Methodist Madness

There is a superficiality to American spirituality that makes me doubt the average Methodist could explain what differentiates his or her denomination from Lutheranism, Presbyterianism or even Catholicism. Lent, the closest thing Christians have to a ritual sacrifice, has become culturally akin to the keto diet, with believers from every branch fortifying their relationship with God by giving up PornHub or processed sugars for 40 days.

 

Upwards of 90 percent of my family and friends consider themselves Christian, although I couldn’t tell you which denomination any of them belong to since most are not flamboyantly pious, and I’ve adopted a love-the-worshiper-ignore-the-worship attitude toward my folks’ relationship with God.
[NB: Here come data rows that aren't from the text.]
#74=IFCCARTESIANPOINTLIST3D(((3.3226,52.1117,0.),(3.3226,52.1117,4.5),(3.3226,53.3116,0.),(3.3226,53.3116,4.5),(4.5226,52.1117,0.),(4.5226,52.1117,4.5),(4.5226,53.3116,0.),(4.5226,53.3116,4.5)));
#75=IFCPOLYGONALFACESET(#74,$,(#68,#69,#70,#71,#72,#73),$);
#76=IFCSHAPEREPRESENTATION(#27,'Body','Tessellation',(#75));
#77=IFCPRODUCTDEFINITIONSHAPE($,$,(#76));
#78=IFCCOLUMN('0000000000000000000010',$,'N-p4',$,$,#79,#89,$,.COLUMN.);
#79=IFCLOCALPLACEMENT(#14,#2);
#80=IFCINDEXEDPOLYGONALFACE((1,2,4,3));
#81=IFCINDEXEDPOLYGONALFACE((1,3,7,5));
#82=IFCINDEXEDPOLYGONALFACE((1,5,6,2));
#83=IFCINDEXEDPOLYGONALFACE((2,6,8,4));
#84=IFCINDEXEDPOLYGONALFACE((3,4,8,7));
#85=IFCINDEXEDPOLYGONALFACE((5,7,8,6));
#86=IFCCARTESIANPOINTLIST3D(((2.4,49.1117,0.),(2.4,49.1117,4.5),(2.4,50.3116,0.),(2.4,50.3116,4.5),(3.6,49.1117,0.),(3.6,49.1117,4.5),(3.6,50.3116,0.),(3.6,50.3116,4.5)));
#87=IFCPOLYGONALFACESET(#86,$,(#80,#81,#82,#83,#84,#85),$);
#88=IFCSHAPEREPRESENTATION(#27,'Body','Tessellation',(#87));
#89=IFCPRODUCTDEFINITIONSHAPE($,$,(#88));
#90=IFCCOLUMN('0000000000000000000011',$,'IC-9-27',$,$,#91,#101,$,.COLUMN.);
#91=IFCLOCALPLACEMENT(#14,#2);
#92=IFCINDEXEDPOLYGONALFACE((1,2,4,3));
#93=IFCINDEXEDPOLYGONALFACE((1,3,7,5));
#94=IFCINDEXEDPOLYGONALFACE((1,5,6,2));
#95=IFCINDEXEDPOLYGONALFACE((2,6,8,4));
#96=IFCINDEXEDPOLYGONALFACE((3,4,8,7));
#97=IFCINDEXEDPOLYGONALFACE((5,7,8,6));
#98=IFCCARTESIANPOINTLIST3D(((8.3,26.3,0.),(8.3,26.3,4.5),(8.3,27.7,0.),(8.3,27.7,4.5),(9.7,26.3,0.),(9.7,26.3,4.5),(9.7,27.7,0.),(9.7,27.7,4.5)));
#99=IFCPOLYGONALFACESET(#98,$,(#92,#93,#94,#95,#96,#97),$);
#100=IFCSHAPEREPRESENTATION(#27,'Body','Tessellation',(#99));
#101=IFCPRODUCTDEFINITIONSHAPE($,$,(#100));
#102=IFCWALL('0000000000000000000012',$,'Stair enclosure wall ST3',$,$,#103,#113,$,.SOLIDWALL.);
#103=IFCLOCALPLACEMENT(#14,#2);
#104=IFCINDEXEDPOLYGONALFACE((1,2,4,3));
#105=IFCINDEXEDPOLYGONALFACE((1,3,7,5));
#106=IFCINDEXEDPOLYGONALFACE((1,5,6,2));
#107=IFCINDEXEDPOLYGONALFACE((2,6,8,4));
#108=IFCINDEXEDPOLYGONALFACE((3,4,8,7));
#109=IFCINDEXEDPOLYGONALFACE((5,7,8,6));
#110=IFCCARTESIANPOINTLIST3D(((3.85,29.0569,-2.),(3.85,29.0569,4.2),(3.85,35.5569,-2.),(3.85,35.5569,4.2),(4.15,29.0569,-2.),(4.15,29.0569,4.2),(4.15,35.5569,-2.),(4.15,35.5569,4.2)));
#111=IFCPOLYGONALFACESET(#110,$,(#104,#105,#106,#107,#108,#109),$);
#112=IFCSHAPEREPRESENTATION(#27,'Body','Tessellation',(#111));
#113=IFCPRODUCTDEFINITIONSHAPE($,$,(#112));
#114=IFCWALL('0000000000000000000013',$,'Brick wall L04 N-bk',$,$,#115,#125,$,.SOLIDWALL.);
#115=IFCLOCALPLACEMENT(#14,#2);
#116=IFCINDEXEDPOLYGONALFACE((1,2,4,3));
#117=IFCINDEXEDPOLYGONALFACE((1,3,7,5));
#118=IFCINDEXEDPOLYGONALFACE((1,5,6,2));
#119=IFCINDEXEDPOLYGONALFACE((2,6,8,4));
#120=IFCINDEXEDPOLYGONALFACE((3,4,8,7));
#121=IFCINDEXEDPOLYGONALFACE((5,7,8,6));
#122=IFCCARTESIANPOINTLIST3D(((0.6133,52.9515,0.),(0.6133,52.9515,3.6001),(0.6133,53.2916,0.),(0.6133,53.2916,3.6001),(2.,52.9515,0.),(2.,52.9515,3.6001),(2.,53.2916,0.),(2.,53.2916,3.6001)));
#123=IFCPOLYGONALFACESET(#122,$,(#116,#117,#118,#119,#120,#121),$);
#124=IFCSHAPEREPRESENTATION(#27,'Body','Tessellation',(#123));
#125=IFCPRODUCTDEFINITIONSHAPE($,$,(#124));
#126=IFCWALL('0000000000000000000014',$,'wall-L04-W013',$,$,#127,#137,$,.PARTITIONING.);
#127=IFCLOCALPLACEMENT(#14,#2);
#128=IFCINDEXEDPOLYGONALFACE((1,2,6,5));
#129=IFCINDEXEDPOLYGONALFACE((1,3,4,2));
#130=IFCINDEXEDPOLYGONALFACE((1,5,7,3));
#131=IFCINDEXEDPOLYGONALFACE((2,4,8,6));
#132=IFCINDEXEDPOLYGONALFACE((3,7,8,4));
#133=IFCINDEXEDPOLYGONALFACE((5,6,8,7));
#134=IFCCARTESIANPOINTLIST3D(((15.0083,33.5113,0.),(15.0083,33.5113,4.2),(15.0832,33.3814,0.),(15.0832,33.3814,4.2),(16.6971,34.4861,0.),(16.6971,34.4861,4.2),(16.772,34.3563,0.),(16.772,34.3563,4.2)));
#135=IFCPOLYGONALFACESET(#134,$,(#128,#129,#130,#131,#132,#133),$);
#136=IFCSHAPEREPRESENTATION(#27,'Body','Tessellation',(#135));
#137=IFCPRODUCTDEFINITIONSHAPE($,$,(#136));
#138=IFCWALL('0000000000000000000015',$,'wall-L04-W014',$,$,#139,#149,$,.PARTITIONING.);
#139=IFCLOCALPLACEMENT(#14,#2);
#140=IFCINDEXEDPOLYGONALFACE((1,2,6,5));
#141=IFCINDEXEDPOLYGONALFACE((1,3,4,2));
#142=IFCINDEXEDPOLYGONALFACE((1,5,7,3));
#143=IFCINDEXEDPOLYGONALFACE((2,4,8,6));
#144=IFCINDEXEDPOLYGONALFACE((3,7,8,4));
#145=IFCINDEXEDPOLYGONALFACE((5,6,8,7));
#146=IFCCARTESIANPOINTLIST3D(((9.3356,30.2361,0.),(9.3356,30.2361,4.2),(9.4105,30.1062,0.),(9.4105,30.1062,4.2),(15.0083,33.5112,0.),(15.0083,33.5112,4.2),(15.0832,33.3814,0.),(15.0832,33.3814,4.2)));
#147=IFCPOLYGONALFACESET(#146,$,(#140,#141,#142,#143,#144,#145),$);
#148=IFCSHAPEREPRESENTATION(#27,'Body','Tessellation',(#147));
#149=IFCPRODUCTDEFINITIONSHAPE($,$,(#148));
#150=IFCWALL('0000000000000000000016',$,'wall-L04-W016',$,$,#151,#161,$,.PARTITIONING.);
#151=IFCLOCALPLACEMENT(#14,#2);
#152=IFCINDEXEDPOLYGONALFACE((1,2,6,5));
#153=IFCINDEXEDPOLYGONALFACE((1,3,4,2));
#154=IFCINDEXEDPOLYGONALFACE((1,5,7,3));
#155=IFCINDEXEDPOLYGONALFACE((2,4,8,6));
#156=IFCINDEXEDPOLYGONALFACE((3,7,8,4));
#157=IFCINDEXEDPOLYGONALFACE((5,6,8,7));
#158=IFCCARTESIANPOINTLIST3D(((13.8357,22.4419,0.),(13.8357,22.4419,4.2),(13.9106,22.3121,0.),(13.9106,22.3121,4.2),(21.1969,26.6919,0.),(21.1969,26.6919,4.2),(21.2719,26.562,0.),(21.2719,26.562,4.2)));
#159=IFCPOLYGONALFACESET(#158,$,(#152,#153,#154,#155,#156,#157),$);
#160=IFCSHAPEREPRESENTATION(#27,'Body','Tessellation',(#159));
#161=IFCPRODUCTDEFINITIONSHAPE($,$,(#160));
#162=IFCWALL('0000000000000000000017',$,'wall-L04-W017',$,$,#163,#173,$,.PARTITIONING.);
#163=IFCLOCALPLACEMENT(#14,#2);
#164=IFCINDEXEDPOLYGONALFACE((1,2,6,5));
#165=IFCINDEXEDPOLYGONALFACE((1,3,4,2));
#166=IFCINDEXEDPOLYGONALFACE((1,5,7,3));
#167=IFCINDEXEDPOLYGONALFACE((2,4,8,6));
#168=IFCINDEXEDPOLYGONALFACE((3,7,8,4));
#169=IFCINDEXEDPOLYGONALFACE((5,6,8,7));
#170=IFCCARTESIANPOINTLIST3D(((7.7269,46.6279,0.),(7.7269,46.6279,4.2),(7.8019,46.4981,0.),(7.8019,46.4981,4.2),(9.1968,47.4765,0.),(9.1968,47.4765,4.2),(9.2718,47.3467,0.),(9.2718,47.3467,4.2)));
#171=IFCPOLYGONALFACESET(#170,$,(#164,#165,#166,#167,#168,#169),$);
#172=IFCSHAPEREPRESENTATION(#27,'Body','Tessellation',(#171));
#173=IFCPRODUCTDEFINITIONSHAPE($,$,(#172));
I don’t mind whatever their afterlife preferences are, so long as they don’t flaunt them or try to recruit me.

 

Reading about the general conference of the United Methodist Church recently affirming its opposition to same-sex marriage and gay or lesbian clergy was as dispiriting as getting uninvited to a party where a bunch of accountants celebrate the fiscal new year. Until they replaced their grape juice with wine, I hadn’t really planned on coming, anyway (full disclosure: I’m ignorant of whether Methodists take communion, and they’re not worth Googling … though still worthy in God’s eye).

 

Yet, there are thousands of LGBTQ Americans whose understanding of themselves, this world and whatever salvation awaits when they return to dust has been shaped by Methodist gospel and grandmothers, by UMC choirs and summer bible camps. However much I advise them to worship the god within themselves, and despite my droll regard for most matters of faith, I appreciate how a person’s religion can bring calmness and clarity to their spinning, disorientating universe.

 

Having thousands-of-years-old rules proclaiming you ungodly is a different kind of trauma than your brothers and sisters in Christ, the people who pray and pass out spaghetti dinners beside you, the people who you thought knew you as something more than an abomination, reminding you that you remain apart from God’s plan. I am saddened for LGBT Methodists who feel wounded anew.

 

The sense that we’re in that transitional period where historically anti-LGBTQ scripture will soon be reinterpreted as era-specific or allegorical a la passages about slavery and genocide, ought to be some type balm for those who are hurting. More than 250 UMC pastors and church leaders purchased advertising space swearing an oath to fight for the full inclusion of LGBTQ Methodists, and I’ve seen clips of the general conference’s actions being denounced from pulpits in Alabama and southwest Atlanta.

 

“What happened [at the general conference] will not affect how it is we do mission and ministry here at Cascade United Methodist Church,” preached the Rev. Kevin Muriel, senior pastor at the mostly black congregation in Atlanta. “If you are straight, we love you; if you are gay, we love you; if you are questioning, we love you, too; if you are skinny, we love you; if you are trying to get skinny, we love you, too.”

 

There is a risk, and in some cases even a temptation, for progressives to treat something like Pastor Muriel’s loving outreach the same as the anti-LGBTQ vitriol we’re long used to hearing from the ministers, perhaps because his list did not enumerate lesbian and transgender worshipers or fat-shamed people who don’t want to lose weight. May the god within you not want to be the type who shames the earnest when they are naked.